Проснулся я в холодном поту, с бешено колотящимся сердцем. Вспомнилось, что как раз два дня прошло с момента моей кончины в той, прежней реальности. Которая, если верить сну, существует как ни в чём ни бывало, но меня уже в ней нет. Вернее, я есть, но только в виде хладного трупа, закопанного, если верить визуальным ощущением, на новом участке Ново-Западного кладбища.
Тьфу, приснится же такое… То ли моё подсознание выдало столь реалистичную картинку, то ли высшие силы постарались. Зачем только им это надо? Чтобы не забывал? Так я и без того прекрасно всё помню.
Первым делом прописался в родных пенатах и встал на учёт в военкомате. Пусть и ненадолго, вскоре придётся выписываться, а в Сердобске повторять ту же процедуру с пропиской и военкоматом. Интересно только, где жить буду… Может, у них там тоже есть, пусть и небольшое, общежитие?
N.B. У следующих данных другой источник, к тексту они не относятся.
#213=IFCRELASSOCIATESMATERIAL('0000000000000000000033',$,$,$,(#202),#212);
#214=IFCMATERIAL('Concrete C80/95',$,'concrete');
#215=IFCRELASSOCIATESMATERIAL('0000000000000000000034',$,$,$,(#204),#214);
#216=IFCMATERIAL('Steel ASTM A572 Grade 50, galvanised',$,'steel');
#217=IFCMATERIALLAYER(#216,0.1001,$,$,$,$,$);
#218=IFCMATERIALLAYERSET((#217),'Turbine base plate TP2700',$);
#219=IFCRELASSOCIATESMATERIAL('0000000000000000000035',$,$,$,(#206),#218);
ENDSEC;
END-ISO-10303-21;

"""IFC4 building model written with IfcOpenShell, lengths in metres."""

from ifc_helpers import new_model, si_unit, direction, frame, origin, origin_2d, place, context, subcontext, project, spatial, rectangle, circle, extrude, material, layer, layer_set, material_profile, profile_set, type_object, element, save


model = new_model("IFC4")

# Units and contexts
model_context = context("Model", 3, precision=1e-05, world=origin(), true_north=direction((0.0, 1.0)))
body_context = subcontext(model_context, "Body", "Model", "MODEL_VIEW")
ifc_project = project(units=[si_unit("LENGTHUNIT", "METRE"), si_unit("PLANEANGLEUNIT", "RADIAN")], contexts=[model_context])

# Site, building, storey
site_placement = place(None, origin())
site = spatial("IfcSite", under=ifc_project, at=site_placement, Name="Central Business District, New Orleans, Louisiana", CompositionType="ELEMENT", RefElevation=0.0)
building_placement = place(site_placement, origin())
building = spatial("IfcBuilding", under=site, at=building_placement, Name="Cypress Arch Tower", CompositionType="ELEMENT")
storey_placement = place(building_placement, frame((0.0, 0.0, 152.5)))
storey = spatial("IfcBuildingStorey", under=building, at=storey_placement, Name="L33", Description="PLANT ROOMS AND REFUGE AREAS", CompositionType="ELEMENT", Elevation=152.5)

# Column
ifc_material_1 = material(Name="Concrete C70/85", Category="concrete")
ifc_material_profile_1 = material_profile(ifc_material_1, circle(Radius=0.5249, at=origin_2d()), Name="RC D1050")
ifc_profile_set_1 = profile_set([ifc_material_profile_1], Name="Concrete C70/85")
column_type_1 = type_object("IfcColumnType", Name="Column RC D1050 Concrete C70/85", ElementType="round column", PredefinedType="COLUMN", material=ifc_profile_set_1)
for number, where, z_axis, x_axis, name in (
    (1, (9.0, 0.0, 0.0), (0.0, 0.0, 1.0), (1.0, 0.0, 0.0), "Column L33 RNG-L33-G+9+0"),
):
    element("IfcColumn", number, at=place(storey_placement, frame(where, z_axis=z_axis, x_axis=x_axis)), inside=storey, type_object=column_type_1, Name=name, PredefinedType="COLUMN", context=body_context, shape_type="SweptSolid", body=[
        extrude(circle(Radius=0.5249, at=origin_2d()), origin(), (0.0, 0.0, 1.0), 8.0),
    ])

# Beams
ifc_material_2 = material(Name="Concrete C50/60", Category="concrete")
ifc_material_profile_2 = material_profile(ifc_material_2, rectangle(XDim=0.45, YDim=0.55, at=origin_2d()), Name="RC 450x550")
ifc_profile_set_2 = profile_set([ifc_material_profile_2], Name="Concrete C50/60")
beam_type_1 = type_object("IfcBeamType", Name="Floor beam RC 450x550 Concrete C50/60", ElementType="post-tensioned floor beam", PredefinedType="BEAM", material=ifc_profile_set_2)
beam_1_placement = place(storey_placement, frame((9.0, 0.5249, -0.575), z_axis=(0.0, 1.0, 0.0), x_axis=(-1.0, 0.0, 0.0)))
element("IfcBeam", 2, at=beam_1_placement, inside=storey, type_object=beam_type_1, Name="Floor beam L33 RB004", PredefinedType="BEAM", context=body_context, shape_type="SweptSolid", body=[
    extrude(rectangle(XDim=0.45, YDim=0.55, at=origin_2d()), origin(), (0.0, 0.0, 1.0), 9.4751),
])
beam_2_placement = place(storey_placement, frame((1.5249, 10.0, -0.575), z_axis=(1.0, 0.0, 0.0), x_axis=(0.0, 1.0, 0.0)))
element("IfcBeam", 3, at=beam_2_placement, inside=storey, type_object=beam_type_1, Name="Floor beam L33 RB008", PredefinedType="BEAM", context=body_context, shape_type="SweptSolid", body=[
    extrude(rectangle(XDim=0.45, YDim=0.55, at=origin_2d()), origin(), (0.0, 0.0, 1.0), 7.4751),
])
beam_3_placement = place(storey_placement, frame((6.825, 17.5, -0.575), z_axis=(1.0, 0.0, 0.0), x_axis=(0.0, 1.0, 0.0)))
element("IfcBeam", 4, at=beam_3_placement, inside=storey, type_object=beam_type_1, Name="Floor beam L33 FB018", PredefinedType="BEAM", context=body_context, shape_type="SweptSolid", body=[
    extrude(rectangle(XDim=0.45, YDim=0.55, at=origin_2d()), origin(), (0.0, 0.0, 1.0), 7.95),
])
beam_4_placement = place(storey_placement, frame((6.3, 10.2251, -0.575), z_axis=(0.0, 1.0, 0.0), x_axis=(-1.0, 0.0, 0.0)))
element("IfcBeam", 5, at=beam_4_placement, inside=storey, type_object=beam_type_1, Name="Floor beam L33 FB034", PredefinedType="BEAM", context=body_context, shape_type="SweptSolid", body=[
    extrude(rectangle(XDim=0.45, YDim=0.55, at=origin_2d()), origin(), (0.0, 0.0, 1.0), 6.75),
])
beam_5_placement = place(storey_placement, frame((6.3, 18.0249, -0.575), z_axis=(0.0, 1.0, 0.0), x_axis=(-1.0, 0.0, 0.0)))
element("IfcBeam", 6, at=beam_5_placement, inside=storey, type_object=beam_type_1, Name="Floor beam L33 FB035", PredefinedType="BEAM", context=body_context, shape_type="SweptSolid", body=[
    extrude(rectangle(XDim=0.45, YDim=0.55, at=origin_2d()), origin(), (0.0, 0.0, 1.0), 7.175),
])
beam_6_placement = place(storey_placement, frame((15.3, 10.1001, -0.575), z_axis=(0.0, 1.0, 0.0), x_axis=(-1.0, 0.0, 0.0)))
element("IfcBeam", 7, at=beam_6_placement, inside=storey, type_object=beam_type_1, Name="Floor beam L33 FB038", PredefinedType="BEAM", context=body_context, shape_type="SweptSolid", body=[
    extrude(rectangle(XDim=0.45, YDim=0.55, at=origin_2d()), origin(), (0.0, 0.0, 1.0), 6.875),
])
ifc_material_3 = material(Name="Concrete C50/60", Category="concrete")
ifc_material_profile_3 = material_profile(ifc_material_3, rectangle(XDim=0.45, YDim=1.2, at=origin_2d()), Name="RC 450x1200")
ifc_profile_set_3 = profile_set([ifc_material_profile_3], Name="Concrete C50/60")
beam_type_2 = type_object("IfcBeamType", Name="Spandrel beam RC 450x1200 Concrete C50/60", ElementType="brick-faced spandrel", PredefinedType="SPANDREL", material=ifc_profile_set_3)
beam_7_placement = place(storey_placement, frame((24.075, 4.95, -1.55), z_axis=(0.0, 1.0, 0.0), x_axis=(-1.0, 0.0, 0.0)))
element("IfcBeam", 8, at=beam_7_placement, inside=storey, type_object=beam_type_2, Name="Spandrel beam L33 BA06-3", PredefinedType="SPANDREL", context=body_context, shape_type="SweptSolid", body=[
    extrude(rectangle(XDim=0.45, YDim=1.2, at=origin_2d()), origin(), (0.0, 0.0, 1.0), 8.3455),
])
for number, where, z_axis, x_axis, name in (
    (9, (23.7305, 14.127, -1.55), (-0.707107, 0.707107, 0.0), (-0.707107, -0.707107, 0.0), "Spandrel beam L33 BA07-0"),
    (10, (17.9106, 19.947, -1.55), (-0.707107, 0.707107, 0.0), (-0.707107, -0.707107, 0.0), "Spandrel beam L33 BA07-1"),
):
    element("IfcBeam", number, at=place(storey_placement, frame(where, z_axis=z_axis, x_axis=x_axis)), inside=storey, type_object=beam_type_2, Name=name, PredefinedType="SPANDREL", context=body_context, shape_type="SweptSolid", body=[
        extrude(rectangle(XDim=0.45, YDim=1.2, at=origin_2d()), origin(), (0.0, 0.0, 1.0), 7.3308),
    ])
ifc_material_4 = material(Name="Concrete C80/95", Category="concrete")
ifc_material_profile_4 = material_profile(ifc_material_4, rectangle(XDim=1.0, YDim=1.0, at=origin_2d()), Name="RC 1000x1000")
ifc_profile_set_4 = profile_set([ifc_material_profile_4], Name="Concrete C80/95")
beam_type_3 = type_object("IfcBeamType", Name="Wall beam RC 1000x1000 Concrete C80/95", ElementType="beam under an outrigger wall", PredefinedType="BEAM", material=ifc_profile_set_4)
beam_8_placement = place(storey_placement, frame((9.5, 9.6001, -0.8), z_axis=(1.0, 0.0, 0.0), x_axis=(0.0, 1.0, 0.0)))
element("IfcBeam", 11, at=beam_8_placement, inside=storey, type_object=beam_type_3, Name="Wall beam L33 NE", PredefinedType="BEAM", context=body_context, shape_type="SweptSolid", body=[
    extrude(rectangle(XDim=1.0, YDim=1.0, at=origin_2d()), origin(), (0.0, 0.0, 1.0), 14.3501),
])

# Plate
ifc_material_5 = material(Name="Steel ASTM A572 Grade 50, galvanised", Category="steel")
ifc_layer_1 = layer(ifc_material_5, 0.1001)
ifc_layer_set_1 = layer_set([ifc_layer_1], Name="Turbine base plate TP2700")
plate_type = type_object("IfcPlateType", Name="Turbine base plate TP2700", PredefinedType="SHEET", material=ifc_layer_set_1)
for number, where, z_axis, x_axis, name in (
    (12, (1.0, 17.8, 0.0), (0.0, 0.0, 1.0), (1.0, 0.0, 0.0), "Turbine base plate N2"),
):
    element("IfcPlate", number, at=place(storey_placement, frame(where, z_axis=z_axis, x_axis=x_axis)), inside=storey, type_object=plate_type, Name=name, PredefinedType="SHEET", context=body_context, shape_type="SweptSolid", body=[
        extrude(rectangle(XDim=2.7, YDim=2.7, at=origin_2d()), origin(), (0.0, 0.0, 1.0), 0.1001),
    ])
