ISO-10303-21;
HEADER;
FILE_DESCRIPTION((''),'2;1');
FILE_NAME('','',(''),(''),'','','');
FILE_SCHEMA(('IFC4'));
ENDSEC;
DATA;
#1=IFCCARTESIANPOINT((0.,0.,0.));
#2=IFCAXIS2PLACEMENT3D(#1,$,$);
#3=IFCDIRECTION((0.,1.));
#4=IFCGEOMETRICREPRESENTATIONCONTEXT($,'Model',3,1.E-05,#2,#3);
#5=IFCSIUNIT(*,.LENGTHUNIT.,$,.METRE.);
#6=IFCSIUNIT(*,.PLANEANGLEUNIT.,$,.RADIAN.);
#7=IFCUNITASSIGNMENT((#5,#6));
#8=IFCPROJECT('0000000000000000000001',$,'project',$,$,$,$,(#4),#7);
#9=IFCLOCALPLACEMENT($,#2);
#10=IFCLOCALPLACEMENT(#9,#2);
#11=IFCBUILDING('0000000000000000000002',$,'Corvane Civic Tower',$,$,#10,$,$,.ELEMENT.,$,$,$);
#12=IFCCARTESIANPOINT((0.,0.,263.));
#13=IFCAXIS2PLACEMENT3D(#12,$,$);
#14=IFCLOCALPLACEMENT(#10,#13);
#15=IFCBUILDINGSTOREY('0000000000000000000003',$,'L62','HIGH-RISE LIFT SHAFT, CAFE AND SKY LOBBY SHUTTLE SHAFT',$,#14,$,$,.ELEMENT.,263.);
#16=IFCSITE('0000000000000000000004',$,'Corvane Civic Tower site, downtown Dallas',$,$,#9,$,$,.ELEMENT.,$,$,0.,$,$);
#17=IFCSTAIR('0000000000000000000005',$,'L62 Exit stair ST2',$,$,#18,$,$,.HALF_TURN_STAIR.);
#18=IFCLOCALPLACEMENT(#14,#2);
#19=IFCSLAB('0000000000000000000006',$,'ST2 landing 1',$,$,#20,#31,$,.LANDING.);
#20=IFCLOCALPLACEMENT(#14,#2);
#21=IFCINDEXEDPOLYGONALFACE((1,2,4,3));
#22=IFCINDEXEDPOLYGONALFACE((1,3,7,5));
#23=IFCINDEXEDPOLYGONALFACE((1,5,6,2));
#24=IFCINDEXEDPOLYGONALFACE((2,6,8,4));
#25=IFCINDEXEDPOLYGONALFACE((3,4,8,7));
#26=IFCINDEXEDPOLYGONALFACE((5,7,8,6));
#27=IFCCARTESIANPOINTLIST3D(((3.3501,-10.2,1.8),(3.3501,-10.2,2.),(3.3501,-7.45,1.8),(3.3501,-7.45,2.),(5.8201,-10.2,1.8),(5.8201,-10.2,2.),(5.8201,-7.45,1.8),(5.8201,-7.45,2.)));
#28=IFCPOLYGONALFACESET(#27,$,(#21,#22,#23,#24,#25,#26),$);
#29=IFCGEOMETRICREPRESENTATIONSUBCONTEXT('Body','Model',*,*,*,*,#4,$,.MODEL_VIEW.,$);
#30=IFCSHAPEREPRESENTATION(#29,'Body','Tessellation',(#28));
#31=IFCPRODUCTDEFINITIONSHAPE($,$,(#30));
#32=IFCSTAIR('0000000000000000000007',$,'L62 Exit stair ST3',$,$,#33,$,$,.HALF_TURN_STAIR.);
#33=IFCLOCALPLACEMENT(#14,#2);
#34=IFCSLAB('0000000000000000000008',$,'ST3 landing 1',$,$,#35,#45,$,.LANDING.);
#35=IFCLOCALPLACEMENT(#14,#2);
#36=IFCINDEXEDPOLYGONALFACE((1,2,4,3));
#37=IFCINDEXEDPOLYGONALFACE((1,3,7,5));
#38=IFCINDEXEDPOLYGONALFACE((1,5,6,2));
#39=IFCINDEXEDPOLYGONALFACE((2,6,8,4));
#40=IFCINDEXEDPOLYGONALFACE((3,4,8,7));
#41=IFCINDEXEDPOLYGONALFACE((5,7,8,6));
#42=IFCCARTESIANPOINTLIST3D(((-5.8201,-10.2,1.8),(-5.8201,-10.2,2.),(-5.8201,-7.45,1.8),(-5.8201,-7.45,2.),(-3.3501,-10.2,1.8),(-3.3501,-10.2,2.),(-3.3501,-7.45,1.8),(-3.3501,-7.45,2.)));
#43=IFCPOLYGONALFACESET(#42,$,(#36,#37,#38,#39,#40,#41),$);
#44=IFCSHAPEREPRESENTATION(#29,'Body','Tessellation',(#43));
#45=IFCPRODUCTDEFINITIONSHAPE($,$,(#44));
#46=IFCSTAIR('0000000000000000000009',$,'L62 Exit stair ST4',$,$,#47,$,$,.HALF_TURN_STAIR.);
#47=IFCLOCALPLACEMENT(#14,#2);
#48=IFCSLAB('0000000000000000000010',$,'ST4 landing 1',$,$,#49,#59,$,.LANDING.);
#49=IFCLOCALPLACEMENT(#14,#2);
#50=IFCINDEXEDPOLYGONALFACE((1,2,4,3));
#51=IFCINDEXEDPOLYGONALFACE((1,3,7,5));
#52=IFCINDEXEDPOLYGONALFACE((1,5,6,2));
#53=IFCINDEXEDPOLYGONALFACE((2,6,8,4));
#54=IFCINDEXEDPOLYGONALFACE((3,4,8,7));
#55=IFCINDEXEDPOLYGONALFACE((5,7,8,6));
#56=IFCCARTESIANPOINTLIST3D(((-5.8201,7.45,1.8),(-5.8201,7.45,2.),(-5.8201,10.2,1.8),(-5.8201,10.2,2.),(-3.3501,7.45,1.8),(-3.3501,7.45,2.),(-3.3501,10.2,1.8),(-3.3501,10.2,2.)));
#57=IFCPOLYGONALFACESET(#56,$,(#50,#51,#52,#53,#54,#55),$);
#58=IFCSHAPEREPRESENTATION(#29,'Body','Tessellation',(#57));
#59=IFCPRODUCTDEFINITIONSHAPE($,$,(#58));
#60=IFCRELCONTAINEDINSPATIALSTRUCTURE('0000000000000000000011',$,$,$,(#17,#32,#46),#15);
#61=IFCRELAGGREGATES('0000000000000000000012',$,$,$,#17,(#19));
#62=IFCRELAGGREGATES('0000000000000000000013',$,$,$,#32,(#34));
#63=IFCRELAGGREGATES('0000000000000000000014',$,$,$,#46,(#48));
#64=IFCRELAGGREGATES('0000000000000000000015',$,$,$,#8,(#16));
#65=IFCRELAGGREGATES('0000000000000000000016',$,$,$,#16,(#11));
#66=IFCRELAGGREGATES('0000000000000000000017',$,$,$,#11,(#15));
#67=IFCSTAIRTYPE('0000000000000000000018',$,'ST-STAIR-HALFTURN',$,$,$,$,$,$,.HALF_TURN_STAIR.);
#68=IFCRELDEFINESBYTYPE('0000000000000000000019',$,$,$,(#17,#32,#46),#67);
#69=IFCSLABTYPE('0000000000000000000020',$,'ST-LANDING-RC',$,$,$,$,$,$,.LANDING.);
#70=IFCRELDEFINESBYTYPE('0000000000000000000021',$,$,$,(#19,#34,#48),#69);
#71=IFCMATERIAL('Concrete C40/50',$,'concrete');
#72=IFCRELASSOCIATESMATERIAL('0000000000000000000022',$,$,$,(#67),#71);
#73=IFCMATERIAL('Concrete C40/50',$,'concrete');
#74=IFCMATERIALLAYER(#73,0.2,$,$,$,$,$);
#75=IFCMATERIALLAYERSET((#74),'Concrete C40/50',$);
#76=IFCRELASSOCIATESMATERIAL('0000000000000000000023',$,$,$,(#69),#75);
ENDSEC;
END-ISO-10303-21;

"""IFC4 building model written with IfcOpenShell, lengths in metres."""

from ifc_helpers import new_model, si_unit, direction, frame, origin, place, context, subcontext, project, spatial, polyline, outline, extrude, material, layer, layer_set, type_object, element, aggregate, save


model = new_model("IFC4")

# Units and contexts
model_context = context("Model", 3, precision=1e-05, world=origin(), true_north=direction((0.0, 1.0)))
body_context = subcontext(model_context, "Body", "Model", "MODEL_VIEW")
ifc_project = project(units=[si_unit("LENGTHUNIT", "METRE"), si_unit("PLANEANGLEUNIT", "RADIAN")], contexts=[model_context])

# Site, building, storey
site_placement = place(None, origin())
site = spatial("IfcSite", under=ifc_project, at=site_placement, Name="Corvane Civic Tower site, downtown Dallas", CompositionType="ELEMENT", RefElevation=0.0)
building_placement = place(site_placement, origin())
building = spatial("IfcBuilding", under=site, at=building_placement, Name="Corvane Civic Tower", CompositionType="ELEMENT")
storey_placement = place(building_placement, frame((0.0, 0.0, 263.0)))
storey = spatial("IfcBuildingStorey", under=building, at=storey_placement, Name="L62", Description="HIGH-RISE LIFT SHAFT, CAFE AND SKY LOBBY SHUTTLE SHAFT", CompositionType="ELEMENT", Elevation=263.0)

# Stairs, slabs
ifc_material_1 = material(Name="Concrete C40/50", Category="concrete")
stair_type = type_object("IfcStairType", Name="ST-STAIR-HALFTURN", PredefinedType="HALF_TURN_STAIR", material=ifc_material_1)
stair_1_placement = place(storey_placement, origin())
stair_1 = element("IfcStair", 1, at=stair_1_placement, inside=storey, type_object=stair_type, Name="L62 Exit stair ST2", PredefinedType="HALF_TURN_STAIR")
ifc_material_2 = material(Name="Concrete C40/50", Category="concrete")
ifc_layer_1 = layer(ifc_material_2, 0.2)
ifc_layer_set_1 = layer_set([ifc_layer_1], Name="Concrete C40/50")
slab_type = type_object("IfcSlabType", Name="ST-LANDING-RC", PredefinedType="LANDING", material=ifc_layer_set_1)
slab_1_placement = place(storey_placement, frame((0.0, 0.0, 1.8)))
slab_1 = element("IfcSlab", 2, at=slab_1_placement, type_object=slab_type, Name="ST2 landing 1", PredefinedType="LANDING", context=body_context, shape_type="SweptSolid", body=[
    extrude(outline(polyline([(5.8201, -7.45), (3.3501, -7.45), (3.3501, -10.2), (5.8201, -10.2), (5.8201, -7.45)])), origin(), (0.0, 0.0, 1.0), 0.2),
])
aggregate(stair_1, [slab_1])
stair_2_placement = place(storey_placement, origin())
stair_2 = element("IfcStair", 3, at=stair_2_placement, inside=storey, type_object=stair_type, Name="L62 Exit stair ST3", PredefinedType="HALF_TURN_STAIR")
slab_2_placement = place(storey_placement, frame((0.0, 0.0, 1.8)))
slab_2 = element("IfcSlab", 4, at=slab_2_placement, type_object=slab_type, Name="ST3 landing 1", PredefinedType="LANDING", context=body_context, shape_type="SweptSolid", body=[
    extrude(outline(polyline([(-5.8201, -10.2), (-3.3501, -10.2), (-3.3501, -7.45), (-5.8201, -7.45), (-5.8201, -10.2)])), origin(), (0.0, 0.0, 1.0), 0.2),
])
aggregate(stair_2, [slab_2])
stair_3_placement = place(storey_placement, origin())
stair_3 = element("IfcStair", 5, at=stair_3_placement, inside=storey, type_object=stair_type, Name="L62 Exit stair ST4", PredefinedType="HALF_TURN_STAIR")
slab_3_placement = place(storey_placement, frame((0.0, 0.0, 1.8)))
slab_3 = element("IfcSlab", 6, at=slab_3_placement, type_object=slab_type, Name="ST4 landing 1", PredefinedType="LANDING", context=body_context, shape_type="SweptSolid", body=[
    extrude(outline(polyline([(-5.8201, 7.45), (-3.3501, 7.45), (-3.3501, 10.2), (-5.8201, 10.2), (-5.8201, 7.45)])), origin(), (0.0, 0.0, 1.0), 0.2),
])

aggregate(stair_3, [slab_3])

save(model, "model.ifc")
А на третий день, возвращаясь домой, неожиданно в почтовом ящике обнаружил извещение. Не заходя в квартиру, тут же отправился на почтамт, где получил небольшую бандероль. Отправитель некто А. А. Рафаилов, проживающий по адресу Москва, Лаврушинский переулок, 10, стр.4.[1]
Что за Рафаилов такой, думал я, расписываясь в получении… Не удержавшись, по пути, минуя очередной дворик, сажусь на свободную скамейку в тени рябины, ключами распарываю перетягивавшую бандероль шпагат, разрываю бумагу и обнаруживаю внутри квадратную шкатулку из светло-коричневой полированной древесины. А ещё тоненькую брошюрку, на бежевого цвета обложке которой красуется надпись в дореволюционной орфографии: «Руководство пользователя систѣмой 'ДАР» въ варiантѣ «Лѣкарь». Охреневаю и несколько секунд перевариваю прочитанное. Это мне что, посылочка свыше, от этого, как его… Рафаила? Недаром отпарвитель какой-то Рафаилов. А почему такая орфография? Ну блин, артисты, цирк, да и только!